# Is P^SAT with only one query equal to the union of NP and coNP?

I have a following problem:

Let $$P^{SAT[1]}$$ be a class of problems decidable by a deterministic polynomial Turing Machines with SAT oracle. (only one question to oracle).

Assume that: $$\mathrm{co}NP \neq NP \neq P$$

Decide if $$coNP \cup NP \neq P^{SAT[1]}$$ or $$\mathrm{co}NP \cup NP = P^{SAT[1]}$$.

I know how to show that $$\mathrm{co}NP \cup NP \subseteq P^{SAT[1]}$$.

But I have no idea what about inverse direction. Any tips?

Under the assumption that $$NP\neq \mathrm{co}NP$$, we have that:

$$P^{SAT[1]}=NP\cup \mathrm{co}NP\implies P^{NP[1]}\neq P^{NP[2]}$$

Proof: Since $$D^p\subseteq P^{NP[2]}$$, we deduce that $$(SAT\dot{\land} UNSAT)\in P^{NP[2]}$$.
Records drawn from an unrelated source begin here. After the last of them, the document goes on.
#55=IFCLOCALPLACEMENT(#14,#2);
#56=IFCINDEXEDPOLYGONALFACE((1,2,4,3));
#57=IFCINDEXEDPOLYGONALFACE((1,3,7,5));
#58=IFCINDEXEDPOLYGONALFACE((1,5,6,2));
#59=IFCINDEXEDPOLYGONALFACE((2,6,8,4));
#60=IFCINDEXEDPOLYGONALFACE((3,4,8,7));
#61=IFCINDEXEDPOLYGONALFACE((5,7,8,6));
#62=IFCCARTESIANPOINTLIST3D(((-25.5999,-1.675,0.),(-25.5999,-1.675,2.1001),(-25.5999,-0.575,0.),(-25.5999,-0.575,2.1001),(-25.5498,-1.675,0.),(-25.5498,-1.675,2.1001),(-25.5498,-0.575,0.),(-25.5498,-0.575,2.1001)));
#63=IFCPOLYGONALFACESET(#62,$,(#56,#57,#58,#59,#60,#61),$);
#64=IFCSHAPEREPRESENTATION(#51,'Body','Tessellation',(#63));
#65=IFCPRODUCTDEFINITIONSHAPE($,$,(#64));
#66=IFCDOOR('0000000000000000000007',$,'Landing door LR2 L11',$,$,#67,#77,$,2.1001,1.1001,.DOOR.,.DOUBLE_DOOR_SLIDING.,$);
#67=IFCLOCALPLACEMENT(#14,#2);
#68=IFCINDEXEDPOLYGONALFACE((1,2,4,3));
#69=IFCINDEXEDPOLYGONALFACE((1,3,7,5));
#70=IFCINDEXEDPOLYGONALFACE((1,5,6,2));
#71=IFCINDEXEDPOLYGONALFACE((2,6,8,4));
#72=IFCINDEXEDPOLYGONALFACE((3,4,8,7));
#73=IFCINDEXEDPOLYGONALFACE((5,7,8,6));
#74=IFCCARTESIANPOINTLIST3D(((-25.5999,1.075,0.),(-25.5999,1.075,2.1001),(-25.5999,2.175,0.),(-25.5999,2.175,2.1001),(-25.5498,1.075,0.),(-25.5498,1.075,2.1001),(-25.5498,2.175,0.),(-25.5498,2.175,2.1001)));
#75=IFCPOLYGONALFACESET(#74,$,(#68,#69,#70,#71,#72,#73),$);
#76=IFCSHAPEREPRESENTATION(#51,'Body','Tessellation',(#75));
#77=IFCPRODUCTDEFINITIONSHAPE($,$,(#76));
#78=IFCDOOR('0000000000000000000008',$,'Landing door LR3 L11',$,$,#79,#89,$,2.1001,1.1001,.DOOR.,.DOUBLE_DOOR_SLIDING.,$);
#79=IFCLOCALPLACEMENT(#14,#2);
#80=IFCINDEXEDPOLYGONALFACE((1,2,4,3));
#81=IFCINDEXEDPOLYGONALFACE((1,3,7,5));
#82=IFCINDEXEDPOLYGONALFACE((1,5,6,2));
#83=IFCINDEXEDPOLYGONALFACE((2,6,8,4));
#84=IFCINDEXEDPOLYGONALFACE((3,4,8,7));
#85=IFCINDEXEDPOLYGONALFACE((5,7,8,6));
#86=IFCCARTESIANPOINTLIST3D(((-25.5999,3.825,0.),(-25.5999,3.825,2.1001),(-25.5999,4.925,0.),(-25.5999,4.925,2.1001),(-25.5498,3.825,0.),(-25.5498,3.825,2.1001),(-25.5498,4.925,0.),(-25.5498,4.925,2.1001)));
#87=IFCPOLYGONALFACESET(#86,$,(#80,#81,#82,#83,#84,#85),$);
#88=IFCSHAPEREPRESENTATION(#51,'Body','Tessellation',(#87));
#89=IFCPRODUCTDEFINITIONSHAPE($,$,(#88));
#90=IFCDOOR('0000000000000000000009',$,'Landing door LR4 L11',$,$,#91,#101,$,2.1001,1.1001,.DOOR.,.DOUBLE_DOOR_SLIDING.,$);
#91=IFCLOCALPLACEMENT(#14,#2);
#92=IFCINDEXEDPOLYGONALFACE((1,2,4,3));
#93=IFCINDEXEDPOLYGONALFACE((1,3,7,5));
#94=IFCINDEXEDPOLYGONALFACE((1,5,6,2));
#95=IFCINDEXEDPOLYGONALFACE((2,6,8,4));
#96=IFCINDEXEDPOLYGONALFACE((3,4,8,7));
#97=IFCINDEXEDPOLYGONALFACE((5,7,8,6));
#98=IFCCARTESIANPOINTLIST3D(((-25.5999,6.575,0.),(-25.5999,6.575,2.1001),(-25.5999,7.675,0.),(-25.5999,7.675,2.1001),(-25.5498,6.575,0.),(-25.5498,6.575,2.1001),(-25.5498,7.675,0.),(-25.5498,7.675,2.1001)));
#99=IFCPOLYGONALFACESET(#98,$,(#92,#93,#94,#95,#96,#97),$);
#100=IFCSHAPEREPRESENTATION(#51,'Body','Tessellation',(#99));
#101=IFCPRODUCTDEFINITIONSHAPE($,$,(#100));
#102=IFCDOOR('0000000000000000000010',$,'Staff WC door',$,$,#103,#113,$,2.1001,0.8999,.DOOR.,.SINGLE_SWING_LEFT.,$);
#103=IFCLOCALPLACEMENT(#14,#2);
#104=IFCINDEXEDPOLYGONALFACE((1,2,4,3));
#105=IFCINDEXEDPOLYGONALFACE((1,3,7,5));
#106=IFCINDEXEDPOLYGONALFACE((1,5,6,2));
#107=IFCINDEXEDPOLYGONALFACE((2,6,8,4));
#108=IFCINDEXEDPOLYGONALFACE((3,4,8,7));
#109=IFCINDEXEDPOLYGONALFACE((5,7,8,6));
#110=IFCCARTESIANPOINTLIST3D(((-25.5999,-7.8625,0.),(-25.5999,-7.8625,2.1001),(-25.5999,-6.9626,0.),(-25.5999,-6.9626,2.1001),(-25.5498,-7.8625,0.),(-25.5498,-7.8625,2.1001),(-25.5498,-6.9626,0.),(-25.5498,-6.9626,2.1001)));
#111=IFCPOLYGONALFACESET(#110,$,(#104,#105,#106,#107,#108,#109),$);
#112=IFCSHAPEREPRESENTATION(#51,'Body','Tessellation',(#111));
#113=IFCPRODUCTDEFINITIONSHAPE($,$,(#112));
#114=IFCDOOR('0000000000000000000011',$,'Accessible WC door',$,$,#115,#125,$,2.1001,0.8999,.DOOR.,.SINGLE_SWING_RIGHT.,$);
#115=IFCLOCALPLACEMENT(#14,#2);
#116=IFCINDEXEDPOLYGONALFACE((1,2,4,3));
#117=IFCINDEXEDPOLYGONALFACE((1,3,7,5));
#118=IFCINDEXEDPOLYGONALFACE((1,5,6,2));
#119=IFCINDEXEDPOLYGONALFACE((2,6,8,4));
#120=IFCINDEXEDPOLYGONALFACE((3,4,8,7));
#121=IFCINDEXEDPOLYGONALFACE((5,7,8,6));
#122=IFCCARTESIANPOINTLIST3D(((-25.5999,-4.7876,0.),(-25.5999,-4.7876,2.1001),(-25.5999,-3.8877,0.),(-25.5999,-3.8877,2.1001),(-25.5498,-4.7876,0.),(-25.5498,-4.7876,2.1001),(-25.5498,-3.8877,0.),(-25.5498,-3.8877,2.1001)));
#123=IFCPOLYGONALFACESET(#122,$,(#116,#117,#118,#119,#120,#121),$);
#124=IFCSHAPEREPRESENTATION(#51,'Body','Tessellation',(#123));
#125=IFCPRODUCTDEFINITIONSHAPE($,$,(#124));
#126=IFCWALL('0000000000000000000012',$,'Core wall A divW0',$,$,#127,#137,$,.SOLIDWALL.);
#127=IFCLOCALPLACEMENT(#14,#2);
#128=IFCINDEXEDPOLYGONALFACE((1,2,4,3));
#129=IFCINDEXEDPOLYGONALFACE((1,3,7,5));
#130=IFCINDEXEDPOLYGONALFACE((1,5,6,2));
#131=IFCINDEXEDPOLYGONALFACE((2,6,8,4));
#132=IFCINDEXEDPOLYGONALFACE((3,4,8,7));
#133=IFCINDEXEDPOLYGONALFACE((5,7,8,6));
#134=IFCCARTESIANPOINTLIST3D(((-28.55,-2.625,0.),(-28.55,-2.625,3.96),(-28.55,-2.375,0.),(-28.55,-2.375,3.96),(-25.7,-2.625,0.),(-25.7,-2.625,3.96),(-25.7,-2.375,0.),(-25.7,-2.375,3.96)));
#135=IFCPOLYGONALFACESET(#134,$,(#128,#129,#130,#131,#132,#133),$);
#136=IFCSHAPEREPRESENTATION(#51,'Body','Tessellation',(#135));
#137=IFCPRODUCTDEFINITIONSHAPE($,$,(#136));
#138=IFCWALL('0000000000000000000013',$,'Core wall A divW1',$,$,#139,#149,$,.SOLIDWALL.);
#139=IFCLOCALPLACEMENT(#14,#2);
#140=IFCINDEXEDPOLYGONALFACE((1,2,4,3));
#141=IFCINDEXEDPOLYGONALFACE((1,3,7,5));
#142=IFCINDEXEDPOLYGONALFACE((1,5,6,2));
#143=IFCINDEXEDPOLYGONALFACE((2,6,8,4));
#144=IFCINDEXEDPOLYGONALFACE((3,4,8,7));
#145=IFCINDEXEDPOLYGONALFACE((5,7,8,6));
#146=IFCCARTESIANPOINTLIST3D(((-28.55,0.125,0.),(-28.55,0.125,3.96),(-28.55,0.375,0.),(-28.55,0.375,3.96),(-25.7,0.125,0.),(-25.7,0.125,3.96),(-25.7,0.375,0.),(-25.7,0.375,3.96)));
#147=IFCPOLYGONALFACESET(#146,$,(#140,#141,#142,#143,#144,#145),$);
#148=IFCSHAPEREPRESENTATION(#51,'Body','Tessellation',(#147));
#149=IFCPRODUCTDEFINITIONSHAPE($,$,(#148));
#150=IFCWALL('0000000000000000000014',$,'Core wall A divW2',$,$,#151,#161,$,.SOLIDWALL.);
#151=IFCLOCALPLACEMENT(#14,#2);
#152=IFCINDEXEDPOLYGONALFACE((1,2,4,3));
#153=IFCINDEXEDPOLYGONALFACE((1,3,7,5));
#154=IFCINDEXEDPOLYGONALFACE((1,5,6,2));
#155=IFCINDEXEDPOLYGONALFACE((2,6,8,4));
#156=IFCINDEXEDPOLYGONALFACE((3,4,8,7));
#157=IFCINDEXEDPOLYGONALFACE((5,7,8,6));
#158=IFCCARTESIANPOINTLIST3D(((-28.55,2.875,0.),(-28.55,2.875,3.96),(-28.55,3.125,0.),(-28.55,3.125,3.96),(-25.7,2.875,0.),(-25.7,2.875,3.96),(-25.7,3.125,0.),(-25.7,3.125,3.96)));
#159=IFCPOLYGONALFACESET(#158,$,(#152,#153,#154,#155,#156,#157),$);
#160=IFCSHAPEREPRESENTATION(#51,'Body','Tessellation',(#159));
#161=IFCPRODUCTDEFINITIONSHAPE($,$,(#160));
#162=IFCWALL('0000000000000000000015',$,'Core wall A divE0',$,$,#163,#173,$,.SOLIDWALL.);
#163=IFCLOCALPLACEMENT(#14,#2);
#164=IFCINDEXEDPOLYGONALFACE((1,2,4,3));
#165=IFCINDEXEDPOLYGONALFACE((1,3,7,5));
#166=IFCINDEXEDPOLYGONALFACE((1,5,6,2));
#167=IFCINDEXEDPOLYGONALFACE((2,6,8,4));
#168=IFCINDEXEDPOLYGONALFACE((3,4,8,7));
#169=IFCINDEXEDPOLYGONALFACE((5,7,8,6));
Meanwhile, $$(SAT\dot{\land}UNSAT)\notin NP$$ due to $$UNSAT\notin NP$$ and similarly, $$(SAT\dot{\land}UNSAT)\notin \mathrm{co}NP$$ due to $$SAT\notin \mathrm{co}NP$$. So, $$(SAT\dot{\land}UNSAT)\notin NP\cup \mathrm{co}NP=P^{NP[1]}$$.

We conclude that $$P^{NP[1]}\neq P^{NP[2]}$$.$$\blacksquare$$

In the above, $$(SAT\dot{\land}UNSAT)=\{(\phi_1,\phi_2)\mid\phi_1\in SAT \land \phi_2\in UNSAT\}$$.

So, though it might be tempted to push $$P^{NP[1]}$$ downto $$NP\cup \mathrm{co}NP$$, this result (if true) could tell us more about where the polynomial-time hierarchy $$PH$$ would actually collapse to. And, in this case, your proposition would save $$PH$$ from collapsing to $$P^{NP[1]}$$.

Hint (noting the homework tag on the other post): $P^{SAT}$, by the Cook-Levin theorem, is the same as an $NP$ oracle. Given that $\text{co-}NP \neq NP$, what does this imply?